Его взгляд был религиозноцентричным, потому и главным в русском консерватизме для него было Православие. А без него и сам консерватизм для него был системой, приводящей к «очередным уродствам».

Консерватизм, писал знаменитый писатель, «это наличие некой системы ценностей, которые вечны в сегодняшнем дне, завтрашнем, послезавтрашнем и во вчерашнем» (с. 549). А это и есть христианский взгляд на мир.

Монархия для Леонида Бородина была самая красивая форма государственного правления, но ее, он считал, «нужно выстрадать, заслужить; монархия — это форма бытия, способ жизни народа, это мировоззрение» (с. 537).

Опираясь на исторический опыт, когда России удавалось за короткое время переходить из одного состояния в другое, он крепко надеялся на возможность возрождения монархии как русского будущего.

В реалиях же 90-х годов он ждал спасительного человека, диктатора, с особым типом мышления, для которого «характерна прежде всего готовность взять на себя ответственность за средства действия. Знать, чего хочешь, и иметь смелость взять на себя ответственность — вот главное в характере человека-диктатора... и... “тот” еще появится. И непременно. И скоро. Кредит демократии на исходе...» (с. 83).

Констатировал, что значительная часть населения России морально готова к принятию диктатуры. Считал, что «на развалинах государства рано или поздно должен был появиться человек с нужными характеристиками» (с. 82).

Будет ли это болезненно для общества? Да, отвечал на этот вопрос Бородин, так как считал, что «государства без боли не возникают, не распадаются и тем более не воскресают» (с. 374).



«Русизм». Средообразующая роль русского народа


Он выдвинул особую идею о средообразующей роли русского народа, смысл которой для него был сродни биологическим законам природы.

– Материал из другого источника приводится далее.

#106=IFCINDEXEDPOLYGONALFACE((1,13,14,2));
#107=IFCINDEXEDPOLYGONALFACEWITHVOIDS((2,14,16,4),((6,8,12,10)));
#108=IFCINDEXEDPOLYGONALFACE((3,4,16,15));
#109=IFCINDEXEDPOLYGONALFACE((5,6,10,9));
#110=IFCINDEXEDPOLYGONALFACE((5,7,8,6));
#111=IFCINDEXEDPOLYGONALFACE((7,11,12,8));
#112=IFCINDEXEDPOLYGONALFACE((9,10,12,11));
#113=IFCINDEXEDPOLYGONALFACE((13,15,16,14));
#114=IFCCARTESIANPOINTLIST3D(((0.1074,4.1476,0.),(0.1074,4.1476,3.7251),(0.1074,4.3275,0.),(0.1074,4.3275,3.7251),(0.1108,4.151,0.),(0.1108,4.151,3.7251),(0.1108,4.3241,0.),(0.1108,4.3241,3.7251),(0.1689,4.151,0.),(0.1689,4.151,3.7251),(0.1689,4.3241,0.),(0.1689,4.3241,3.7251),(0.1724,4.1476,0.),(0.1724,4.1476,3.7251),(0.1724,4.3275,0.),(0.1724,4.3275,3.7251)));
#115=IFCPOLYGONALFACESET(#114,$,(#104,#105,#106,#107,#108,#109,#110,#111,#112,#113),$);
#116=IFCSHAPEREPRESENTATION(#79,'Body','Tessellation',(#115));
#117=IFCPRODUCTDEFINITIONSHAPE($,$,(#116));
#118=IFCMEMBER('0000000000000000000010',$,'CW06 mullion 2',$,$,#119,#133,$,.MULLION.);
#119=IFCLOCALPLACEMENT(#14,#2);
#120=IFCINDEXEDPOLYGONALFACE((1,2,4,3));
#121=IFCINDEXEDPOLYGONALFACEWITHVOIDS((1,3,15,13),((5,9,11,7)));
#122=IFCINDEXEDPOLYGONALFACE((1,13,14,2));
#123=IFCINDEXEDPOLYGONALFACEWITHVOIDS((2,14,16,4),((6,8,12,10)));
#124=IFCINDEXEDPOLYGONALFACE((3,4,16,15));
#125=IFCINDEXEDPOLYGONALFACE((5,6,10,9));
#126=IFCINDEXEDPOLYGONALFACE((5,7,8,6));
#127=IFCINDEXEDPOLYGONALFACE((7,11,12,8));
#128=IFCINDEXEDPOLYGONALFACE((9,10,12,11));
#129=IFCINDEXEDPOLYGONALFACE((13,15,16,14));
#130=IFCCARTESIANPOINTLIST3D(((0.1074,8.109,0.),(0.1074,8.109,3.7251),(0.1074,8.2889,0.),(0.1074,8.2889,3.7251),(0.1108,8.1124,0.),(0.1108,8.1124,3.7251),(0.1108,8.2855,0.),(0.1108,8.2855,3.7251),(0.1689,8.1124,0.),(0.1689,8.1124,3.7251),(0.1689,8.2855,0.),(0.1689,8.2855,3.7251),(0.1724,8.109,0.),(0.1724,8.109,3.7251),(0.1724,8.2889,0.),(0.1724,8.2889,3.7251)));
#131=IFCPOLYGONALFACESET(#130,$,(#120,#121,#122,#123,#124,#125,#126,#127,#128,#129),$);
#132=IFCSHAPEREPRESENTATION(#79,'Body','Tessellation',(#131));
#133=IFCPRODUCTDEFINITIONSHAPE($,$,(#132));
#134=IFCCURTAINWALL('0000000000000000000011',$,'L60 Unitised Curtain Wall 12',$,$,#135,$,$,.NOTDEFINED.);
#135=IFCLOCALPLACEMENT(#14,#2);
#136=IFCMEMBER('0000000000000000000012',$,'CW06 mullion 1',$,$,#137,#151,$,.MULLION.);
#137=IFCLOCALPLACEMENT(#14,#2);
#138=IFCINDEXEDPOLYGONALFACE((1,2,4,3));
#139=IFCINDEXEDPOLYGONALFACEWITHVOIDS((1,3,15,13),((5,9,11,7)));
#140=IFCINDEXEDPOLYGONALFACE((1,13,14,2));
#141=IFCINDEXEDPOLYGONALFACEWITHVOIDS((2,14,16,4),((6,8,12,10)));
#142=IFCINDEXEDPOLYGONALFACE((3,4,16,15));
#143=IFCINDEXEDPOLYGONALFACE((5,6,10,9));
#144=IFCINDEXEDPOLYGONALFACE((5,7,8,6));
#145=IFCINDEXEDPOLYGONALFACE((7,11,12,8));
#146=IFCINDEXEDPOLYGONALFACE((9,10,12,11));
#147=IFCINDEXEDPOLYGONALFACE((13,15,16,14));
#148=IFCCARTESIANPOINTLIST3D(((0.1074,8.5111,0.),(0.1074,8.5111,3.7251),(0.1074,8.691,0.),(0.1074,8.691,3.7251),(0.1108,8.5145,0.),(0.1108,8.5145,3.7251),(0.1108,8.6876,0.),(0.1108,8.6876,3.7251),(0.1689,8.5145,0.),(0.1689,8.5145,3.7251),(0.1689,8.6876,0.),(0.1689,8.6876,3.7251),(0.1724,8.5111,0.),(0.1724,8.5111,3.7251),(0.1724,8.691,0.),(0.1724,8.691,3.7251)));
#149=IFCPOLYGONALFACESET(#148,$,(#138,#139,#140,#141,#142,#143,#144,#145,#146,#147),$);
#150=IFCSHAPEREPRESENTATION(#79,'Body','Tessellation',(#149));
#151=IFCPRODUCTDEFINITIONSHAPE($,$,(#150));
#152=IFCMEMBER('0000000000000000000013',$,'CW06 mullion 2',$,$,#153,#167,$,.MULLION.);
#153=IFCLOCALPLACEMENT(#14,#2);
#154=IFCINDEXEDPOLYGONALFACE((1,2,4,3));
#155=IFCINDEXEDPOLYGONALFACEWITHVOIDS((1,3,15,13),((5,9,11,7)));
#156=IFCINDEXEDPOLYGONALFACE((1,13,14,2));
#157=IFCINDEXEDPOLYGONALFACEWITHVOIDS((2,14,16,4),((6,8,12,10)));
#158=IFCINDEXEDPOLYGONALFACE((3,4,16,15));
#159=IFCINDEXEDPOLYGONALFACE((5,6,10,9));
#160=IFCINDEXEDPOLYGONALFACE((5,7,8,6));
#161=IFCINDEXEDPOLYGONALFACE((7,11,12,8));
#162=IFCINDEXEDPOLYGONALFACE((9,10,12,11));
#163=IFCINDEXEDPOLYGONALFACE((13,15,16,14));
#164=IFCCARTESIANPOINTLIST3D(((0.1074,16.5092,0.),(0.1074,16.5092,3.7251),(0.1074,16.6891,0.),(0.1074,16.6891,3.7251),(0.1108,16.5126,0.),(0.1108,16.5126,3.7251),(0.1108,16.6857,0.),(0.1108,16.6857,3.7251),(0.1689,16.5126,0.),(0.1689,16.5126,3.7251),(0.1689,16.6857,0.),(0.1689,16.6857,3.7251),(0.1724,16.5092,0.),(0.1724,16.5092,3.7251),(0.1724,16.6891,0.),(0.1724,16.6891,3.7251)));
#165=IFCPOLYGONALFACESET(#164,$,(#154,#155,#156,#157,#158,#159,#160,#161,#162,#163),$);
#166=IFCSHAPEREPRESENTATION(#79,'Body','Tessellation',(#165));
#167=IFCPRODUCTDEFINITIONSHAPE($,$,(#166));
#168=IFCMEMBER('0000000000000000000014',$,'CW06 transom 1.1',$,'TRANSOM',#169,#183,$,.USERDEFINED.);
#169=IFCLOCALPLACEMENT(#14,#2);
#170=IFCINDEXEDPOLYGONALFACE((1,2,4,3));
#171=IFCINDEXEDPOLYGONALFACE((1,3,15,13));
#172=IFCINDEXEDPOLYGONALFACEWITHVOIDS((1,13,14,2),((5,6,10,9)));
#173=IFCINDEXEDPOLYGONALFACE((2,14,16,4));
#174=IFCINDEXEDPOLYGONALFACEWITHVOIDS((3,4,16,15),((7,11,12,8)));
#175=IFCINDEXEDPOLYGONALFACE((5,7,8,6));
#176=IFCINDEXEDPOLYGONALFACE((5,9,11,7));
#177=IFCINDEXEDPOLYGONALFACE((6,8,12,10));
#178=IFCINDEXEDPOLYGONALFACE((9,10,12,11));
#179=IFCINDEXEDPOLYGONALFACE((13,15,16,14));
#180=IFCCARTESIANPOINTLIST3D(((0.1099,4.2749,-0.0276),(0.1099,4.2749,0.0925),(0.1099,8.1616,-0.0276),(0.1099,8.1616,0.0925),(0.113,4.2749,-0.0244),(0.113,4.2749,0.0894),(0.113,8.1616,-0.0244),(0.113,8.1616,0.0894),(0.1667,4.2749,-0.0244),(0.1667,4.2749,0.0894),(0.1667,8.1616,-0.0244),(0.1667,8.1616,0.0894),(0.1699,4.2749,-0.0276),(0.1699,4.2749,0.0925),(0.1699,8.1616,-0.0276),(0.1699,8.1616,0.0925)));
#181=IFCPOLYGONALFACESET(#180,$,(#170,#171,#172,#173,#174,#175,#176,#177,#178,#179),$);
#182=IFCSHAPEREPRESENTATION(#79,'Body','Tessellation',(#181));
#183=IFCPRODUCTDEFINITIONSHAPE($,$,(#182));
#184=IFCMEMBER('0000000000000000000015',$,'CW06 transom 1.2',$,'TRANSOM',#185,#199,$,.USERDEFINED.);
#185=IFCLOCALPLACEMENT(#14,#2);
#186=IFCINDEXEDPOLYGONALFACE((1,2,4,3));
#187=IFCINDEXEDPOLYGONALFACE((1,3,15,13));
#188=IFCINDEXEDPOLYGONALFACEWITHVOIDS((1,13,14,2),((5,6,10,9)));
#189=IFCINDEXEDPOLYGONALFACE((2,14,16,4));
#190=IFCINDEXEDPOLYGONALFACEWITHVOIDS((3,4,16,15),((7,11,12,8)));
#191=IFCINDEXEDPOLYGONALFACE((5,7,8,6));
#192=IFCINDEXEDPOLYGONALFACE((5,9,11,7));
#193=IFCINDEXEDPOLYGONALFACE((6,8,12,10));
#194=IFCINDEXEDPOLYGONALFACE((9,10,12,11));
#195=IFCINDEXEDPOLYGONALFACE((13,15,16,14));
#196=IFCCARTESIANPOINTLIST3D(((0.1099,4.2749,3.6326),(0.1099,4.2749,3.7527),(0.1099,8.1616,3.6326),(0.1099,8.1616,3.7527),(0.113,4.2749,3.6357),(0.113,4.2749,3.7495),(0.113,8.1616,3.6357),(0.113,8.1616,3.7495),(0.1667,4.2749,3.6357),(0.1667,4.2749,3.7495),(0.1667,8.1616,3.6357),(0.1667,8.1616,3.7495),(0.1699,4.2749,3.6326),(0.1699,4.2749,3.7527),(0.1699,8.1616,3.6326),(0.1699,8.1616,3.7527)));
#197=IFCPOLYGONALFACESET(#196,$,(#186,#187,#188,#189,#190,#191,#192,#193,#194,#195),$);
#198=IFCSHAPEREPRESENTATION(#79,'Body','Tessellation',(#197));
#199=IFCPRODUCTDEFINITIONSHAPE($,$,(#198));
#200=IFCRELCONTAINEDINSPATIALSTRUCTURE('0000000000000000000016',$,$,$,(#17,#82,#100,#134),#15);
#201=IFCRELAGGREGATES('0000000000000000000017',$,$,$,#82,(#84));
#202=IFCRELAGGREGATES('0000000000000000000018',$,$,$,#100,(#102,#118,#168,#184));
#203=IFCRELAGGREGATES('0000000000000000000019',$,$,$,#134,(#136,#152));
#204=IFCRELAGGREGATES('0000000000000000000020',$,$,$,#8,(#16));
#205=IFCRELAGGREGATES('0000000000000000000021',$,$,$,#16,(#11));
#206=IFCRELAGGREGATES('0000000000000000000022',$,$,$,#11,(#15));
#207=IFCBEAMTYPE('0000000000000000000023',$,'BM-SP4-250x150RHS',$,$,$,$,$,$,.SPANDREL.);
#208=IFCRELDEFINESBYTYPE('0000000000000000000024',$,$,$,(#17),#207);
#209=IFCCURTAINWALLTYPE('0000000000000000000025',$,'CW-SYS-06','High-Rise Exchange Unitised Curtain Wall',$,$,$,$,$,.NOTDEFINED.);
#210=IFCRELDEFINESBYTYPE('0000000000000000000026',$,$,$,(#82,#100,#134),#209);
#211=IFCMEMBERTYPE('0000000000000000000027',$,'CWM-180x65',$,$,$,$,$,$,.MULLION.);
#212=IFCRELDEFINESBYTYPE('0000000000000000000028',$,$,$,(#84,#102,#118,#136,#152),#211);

Бородин предлагал следующий яркий образ: «в Сибири кедр формирует вокруг себя все живое — и растительность, и птиц, и зверей, и насекомых. Появится вместо него сосна — и флора, и фауна коренным образом изменятся» (с. 599).

Точно так же вокруг средообразующего русского народа формируется органичный мир других народов, особого быта, формируется государство, психотипическое общественное поведение, культурно-языковое поле русского языка и т.д. Будет другой народ средообразующим — евразийское пространство будет окрашено в совершенно другие цивилизационные тона.

Подтверждение подобной роли «системообразующего народа» связывалось им с «явлением хозяина», правителя-диктатора, человека дерзкого, способного «всколыхнуть прежде всего русское население страны».

«Не знающий КАК, — писал он, — и пребывающий в отчаянии от собственного бессилия, сам я с типичным интеллигентским трепетом предчувствую миг, когда скажу себе тихо, но в унисон с массами: да будет так! Пусть придет дерзкий и возьмет за шиворот» (с. 285).

И ждал «медленного, будем надеяться, умеренного, но безусловного ужесточения режима — такова единственно возможная логика строящегося государства» (с. 371).

Понимая, что «гражданская готовность к “боли” должна и может выражаться не в сопротивлении процессу возрождения государства, но в максимальной активности политического класса, понимающего необходимость и неизбежность возрождения, с одной стороны, и мужественной готовности к активному вмешательству в этот процесс на исключительно гуманитарной основе, ибо всякая иная основа политической активности при определенных обстоятельствах способна снова ввергнуть нас в состояние смуты, каковую нам уже едва ли удастся пережить» (с. 374).

 

[1] Бородин Л.И. Собр. соч.: В 7 т. М.: Редакция журнала «Москва», 2013. Т. 7. С. 382–383. (В его собрании сочинений публицистика представлена в седьмом, последнем томе. Поэтому далее в скобках в тексте приводятся ссылки по этому тому с указанием номера страницы цитаты.)